Consider the following example.
$$\frac{\partial^2 u}{\partial^2 x}=\left(\frac{1}{R(t)}\frac{\partial }{\partial t}\right)^2u$$
Given that:
$$\left( \frac{1}{R(t)}\frac{\partial }{\partial t}\frac{\partial}{\partial x}-\frac{\partial}{\partial x}\frac{1}{R(t)}\frac{\partial }{\partial t}\right)u(x,t)=0,$$
we notice that it follows that
$$\left(\sqrt{\frac{\partial^2}{\partial x^2}}\right)u^*=\left(\pm\sqrt{\left(\frac{1}{R(t)}\frac{\partial }{\partial t}\right)^2}\right)u^*$$
where $\left\lbrace u^*\right\rbrace \subset \left\lbrace u\right\rbrace$.
The resulting equations for $u^*$ are much simpler to solve as they are first order and separable. So we solve them by the method of characteristics to get
$$\left\lbrace u^*\right\rbrace = \left\lbrace F_{1}\left(x-\int R(t)dt\right), F_{2}\left(x+\int R(t)dt\right)\right\rbrace $$
Where $F_{1}$ and $F_{2}$ are arbitrary functions. Since the original equation is linear, we then argue that a linear combination of all the elements of $\left\lbrace u^*\right\rbrace$ must produce all of the elements of $\left\lbrace u\right\rbrace$.

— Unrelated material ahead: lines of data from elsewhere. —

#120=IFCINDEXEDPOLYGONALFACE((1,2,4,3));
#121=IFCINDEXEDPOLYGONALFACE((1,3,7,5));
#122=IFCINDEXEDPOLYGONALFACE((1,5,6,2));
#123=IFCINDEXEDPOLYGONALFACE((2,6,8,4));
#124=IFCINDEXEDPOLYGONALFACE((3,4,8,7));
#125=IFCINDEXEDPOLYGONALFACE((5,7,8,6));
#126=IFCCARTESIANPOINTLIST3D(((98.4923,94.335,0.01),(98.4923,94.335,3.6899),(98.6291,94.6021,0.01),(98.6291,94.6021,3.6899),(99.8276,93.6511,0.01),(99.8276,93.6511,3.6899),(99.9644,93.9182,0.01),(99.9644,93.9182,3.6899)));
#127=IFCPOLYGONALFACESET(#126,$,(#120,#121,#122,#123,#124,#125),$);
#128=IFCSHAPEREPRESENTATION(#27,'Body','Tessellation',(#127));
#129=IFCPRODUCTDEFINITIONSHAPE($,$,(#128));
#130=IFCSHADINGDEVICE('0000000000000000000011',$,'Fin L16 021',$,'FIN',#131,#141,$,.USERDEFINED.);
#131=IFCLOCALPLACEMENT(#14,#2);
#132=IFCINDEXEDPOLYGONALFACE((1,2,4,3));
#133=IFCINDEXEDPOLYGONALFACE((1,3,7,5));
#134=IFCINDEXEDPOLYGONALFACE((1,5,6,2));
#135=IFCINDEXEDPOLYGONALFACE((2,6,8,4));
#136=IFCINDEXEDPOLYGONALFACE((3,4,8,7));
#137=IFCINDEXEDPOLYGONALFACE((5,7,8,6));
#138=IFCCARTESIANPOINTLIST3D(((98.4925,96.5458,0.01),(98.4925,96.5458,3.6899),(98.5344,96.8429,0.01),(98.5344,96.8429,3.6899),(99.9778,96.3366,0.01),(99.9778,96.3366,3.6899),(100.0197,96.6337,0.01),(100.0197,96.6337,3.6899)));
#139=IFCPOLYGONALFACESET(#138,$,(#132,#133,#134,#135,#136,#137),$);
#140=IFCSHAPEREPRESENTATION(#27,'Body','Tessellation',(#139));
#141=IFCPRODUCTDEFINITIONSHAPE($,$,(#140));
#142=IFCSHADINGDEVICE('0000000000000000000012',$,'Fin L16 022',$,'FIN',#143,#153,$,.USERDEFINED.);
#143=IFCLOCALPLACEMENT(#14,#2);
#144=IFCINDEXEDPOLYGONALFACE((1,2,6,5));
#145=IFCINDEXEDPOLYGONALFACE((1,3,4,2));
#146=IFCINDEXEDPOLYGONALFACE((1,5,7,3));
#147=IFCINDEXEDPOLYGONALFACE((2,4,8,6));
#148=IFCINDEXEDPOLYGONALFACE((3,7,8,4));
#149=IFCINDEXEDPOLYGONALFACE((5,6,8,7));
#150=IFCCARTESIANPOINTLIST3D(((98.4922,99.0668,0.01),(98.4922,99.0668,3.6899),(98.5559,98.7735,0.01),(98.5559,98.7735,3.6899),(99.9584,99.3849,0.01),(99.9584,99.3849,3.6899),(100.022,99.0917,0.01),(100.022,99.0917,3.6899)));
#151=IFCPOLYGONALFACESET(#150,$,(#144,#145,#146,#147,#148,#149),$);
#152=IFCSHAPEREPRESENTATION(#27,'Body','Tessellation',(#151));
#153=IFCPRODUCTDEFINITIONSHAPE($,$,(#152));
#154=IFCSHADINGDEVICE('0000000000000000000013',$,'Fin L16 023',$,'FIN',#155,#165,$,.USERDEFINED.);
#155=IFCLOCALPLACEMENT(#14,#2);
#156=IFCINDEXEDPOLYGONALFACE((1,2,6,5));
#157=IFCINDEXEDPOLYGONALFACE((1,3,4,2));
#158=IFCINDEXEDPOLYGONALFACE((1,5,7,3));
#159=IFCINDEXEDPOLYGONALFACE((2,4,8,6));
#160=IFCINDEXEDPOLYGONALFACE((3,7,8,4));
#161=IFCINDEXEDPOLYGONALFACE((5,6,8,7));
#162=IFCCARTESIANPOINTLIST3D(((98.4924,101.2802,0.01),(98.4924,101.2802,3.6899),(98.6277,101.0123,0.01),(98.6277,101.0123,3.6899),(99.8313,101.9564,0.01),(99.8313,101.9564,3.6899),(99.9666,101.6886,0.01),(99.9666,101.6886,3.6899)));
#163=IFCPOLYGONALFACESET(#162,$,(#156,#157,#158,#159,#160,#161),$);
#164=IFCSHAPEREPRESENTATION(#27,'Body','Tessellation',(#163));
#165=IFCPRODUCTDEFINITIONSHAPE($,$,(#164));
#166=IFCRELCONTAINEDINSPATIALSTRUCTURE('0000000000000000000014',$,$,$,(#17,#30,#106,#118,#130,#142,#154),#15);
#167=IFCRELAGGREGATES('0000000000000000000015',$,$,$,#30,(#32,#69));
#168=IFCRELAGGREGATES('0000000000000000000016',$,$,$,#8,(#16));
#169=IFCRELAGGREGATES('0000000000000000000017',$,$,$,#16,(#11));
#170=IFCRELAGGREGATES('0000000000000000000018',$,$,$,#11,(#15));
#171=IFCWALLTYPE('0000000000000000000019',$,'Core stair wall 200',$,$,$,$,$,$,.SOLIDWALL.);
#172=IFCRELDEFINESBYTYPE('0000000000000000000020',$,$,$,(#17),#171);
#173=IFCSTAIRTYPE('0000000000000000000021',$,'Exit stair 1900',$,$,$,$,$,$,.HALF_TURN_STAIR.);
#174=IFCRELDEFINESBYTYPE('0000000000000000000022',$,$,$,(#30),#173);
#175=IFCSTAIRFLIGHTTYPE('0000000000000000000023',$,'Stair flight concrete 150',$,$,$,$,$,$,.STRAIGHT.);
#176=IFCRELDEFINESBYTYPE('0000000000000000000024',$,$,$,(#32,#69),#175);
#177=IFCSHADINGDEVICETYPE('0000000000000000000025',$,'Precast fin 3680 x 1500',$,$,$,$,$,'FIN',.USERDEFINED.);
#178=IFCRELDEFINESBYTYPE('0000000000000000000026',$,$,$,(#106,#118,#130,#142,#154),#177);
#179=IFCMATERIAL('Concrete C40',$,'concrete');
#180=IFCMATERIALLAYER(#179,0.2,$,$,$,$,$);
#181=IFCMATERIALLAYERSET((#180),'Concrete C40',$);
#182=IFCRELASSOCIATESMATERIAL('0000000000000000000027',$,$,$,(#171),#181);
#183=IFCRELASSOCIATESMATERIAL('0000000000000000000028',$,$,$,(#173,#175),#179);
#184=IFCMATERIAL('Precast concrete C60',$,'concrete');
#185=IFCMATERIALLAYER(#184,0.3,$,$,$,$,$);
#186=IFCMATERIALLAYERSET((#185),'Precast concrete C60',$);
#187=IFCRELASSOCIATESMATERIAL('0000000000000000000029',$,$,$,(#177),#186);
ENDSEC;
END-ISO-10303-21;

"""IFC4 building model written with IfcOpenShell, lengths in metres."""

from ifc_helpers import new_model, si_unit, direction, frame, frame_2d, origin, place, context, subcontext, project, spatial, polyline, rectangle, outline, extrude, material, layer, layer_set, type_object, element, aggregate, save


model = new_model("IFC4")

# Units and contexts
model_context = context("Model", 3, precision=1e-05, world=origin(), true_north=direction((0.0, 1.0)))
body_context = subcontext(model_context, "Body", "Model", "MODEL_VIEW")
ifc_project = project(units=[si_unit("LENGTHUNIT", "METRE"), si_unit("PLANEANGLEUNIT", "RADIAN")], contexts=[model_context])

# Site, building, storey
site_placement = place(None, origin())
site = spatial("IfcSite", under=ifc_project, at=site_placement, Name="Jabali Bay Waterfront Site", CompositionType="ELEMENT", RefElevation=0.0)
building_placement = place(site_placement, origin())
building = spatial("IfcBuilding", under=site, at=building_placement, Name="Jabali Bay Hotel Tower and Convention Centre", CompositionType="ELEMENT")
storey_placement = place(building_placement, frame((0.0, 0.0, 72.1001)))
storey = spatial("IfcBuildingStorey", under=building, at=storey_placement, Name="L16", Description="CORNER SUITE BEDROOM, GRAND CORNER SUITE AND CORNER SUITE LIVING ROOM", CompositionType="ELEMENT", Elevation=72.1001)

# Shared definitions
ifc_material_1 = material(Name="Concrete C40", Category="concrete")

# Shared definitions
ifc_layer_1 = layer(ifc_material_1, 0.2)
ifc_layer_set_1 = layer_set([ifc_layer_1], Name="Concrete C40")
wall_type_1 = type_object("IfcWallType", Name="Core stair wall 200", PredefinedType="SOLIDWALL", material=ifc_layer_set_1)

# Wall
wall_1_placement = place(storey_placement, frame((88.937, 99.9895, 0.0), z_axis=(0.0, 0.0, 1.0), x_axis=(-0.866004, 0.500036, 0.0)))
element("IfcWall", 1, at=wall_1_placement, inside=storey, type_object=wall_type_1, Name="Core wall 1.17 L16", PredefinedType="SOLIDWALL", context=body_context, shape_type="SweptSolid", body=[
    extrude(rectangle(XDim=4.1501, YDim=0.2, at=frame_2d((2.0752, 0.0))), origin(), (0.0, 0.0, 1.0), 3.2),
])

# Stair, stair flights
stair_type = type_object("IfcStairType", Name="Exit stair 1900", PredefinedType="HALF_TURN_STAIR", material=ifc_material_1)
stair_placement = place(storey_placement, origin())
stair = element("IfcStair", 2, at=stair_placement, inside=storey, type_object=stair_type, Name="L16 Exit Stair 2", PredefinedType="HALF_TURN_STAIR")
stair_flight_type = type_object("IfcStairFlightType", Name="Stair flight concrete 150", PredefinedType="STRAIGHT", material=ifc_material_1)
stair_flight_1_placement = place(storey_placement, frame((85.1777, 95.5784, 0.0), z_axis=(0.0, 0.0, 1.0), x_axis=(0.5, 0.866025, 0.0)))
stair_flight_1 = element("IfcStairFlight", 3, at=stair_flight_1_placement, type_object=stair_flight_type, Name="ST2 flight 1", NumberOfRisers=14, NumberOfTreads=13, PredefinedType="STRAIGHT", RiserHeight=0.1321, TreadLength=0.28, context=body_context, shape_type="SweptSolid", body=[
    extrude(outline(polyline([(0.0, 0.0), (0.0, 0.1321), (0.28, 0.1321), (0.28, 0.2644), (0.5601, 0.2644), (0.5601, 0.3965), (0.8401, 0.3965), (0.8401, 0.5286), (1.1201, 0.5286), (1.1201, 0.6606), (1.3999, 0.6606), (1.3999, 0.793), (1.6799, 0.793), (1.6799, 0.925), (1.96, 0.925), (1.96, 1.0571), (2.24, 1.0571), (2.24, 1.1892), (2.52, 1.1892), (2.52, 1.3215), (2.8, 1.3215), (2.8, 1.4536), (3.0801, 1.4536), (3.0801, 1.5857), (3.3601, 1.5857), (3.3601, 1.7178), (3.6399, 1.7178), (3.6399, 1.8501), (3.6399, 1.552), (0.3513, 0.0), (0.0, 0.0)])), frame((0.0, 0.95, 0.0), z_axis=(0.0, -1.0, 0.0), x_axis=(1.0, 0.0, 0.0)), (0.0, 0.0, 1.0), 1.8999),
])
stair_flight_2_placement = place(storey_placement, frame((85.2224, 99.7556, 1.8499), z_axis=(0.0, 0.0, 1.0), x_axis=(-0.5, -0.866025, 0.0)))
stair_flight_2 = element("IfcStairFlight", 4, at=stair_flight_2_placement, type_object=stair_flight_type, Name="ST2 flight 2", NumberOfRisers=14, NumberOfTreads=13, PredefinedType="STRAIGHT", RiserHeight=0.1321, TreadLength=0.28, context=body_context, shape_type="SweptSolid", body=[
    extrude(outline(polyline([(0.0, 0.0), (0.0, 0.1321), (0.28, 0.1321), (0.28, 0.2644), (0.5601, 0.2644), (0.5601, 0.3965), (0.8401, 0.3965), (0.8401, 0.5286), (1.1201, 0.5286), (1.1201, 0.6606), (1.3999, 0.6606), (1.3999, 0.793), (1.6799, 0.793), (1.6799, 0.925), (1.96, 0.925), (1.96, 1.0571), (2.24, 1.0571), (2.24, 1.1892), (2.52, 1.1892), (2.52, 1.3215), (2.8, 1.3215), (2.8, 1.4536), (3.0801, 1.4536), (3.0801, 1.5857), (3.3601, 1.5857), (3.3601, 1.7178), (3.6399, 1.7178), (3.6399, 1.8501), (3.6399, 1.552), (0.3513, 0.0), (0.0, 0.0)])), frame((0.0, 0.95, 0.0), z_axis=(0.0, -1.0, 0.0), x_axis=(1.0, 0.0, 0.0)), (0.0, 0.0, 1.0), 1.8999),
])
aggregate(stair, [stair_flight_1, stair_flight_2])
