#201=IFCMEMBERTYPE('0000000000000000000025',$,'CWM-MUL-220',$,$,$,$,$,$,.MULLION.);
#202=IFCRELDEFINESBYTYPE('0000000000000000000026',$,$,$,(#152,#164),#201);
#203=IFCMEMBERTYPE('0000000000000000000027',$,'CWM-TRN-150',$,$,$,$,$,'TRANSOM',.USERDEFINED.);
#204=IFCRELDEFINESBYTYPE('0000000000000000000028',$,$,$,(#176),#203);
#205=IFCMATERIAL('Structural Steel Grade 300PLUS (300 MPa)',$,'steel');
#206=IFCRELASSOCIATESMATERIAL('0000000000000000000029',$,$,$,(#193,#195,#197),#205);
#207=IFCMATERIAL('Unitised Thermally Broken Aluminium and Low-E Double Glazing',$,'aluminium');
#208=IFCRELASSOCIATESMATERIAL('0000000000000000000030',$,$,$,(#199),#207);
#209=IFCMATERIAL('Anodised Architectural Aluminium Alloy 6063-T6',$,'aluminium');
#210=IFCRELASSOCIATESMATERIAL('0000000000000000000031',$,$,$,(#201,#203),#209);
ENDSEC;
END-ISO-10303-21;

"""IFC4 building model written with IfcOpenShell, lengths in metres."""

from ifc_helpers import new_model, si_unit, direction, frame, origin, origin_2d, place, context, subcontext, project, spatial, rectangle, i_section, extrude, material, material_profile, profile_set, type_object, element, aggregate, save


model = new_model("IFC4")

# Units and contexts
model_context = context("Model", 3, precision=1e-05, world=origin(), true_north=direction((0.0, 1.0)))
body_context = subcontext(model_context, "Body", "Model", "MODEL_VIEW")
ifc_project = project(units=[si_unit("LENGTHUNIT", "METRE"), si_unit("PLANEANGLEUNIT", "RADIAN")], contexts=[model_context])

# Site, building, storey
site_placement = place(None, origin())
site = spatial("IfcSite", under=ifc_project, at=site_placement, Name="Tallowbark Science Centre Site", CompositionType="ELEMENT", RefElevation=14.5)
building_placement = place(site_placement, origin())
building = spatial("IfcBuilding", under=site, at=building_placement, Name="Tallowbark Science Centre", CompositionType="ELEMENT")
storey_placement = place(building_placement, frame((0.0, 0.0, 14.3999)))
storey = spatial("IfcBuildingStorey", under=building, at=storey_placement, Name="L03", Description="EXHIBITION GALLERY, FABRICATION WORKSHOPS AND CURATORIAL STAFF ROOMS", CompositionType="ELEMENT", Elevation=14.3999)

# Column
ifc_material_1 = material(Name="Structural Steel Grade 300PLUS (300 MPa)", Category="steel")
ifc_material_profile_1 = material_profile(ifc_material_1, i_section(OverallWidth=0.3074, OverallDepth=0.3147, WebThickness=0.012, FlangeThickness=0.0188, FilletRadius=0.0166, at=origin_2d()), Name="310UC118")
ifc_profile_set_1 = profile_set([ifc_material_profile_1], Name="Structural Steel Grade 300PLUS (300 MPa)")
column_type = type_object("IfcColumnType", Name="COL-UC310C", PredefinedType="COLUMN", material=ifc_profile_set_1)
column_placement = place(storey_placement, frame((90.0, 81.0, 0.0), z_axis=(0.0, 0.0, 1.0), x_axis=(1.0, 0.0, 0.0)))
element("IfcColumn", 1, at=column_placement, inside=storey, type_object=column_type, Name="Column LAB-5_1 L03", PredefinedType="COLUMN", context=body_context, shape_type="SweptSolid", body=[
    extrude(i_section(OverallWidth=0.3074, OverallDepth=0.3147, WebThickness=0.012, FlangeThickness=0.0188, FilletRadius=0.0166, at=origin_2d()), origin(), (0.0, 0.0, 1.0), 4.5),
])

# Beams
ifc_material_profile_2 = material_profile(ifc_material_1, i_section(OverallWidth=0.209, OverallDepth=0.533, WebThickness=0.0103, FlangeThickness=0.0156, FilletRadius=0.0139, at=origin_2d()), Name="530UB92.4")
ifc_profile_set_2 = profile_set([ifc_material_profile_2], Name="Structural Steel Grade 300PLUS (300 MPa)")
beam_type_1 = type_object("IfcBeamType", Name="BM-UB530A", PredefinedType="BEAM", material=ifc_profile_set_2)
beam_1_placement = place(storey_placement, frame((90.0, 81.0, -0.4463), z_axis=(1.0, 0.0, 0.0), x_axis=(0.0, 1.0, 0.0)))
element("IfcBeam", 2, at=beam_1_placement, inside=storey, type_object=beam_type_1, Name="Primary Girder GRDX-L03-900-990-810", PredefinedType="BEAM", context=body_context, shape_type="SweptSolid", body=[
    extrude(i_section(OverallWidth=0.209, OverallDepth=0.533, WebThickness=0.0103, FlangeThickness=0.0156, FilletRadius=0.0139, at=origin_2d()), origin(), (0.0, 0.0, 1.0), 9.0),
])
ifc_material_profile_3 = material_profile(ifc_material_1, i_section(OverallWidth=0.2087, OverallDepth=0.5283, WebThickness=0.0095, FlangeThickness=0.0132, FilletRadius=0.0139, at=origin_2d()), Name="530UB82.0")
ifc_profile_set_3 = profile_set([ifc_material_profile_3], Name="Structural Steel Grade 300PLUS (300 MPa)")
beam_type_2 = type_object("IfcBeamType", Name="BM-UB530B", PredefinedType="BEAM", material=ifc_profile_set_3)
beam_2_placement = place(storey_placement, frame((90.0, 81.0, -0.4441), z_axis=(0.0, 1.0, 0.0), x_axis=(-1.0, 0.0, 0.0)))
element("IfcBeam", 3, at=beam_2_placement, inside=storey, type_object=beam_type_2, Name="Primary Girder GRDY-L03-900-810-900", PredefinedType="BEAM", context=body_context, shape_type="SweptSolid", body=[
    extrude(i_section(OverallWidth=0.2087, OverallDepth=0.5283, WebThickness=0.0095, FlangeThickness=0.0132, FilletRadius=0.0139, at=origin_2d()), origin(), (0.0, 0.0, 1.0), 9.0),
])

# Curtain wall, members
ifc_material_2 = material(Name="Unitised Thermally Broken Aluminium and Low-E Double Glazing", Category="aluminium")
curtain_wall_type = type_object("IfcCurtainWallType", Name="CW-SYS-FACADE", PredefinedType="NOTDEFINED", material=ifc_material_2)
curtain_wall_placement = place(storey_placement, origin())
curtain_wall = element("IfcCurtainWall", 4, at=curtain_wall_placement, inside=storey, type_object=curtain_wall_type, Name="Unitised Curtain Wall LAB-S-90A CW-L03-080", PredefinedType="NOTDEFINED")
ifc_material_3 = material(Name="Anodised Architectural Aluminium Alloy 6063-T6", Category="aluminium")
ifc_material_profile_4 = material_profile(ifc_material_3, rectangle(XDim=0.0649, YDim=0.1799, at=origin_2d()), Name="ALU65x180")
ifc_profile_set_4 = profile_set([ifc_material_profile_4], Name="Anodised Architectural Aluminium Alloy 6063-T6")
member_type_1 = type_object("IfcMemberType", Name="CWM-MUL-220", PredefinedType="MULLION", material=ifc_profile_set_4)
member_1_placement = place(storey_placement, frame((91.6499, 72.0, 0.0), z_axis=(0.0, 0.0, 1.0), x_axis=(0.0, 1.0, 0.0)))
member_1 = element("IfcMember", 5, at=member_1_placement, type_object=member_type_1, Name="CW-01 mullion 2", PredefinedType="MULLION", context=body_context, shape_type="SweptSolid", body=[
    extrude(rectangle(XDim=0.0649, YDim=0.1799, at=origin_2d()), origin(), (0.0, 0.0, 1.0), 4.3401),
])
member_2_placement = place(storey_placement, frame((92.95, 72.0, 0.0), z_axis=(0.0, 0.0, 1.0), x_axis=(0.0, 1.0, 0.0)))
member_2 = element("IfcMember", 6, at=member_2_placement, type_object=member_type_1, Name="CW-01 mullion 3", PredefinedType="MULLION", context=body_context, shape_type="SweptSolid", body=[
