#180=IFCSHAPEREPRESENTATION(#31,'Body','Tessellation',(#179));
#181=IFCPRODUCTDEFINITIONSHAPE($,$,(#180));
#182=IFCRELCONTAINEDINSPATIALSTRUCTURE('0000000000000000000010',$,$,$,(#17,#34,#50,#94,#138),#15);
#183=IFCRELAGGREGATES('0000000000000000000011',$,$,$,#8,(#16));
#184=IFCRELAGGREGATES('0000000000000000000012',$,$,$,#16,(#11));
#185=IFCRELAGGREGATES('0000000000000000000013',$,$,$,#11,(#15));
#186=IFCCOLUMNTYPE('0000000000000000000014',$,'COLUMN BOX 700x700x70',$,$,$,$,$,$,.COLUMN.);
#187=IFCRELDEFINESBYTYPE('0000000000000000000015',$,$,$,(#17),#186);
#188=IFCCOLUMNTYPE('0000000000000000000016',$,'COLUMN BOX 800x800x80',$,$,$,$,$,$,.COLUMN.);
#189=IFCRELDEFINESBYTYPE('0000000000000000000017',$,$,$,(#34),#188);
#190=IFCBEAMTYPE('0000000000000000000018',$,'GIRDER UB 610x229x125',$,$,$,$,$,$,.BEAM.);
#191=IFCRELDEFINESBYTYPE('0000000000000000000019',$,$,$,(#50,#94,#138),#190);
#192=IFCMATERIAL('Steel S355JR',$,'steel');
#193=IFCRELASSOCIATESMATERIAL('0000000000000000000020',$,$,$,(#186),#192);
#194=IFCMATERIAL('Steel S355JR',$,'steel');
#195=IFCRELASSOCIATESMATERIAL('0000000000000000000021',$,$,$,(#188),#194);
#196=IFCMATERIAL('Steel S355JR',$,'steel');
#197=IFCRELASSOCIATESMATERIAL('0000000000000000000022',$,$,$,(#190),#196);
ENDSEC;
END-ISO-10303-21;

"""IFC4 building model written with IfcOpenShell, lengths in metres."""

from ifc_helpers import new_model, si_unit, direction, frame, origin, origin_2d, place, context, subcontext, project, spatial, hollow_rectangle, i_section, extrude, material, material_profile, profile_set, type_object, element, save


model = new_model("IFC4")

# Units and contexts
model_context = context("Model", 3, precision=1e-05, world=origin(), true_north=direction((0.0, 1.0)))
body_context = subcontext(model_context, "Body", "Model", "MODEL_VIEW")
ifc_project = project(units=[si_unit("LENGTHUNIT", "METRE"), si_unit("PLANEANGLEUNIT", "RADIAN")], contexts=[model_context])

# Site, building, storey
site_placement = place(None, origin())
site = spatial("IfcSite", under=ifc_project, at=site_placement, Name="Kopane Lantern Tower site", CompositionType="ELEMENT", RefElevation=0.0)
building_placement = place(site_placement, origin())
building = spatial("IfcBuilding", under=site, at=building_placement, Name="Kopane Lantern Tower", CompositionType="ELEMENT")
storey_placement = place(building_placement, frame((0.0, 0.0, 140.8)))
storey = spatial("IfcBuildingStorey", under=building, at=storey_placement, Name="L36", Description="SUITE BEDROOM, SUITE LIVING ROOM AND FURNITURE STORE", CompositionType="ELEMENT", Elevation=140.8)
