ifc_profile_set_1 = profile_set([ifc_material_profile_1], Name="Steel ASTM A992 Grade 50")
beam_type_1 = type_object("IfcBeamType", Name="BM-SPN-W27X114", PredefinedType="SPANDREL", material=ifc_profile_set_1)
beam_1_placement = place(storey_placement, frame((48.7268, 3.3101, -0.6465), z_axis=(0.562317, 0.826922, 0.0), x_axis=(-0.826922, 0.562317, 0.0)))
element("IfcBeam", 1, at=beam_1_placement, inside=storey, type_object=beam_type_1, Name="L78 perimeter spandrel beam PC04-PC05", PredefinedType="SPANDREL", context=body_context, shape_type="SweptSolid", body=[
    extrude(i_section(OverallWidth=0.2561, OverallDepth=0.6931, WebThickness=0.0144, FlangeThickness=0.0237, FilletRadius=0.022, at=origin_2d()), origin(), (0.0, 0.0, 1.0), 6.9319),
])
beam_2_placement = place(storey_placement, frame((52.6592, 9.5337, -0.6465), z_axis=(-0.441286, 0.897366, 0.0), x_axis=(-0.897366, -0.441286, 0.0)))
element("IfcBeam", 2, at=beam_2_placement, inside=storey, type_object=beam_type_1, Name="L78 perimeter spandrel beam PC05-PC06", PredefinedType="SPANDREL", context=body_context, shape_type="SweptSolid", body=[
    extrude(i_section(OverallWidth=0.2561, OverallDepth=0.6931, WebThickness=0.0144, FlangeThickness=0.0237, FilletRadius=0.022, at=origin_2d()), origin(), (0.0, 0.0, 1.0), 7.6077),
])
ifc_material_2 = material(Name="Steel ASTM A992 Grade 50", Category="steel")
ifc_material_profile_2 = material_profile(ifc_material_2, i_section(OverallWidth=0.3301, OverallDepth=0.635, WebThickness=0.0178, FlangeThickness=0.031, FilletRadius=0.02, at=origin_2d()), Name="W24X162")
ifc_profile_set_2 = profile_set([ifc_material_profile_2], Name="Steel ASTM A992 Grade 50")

$$ u = F_{1}\left(x-\int R(t)dt\right) + F_{2}\left(x+\int R(t)dt\right)$$
So, the second order problem is thus algebraically reduced to a much simpler problem and the solutions are preserved.
Question:
Is this a universal property of differential operators and differential equations? And How can we prove it?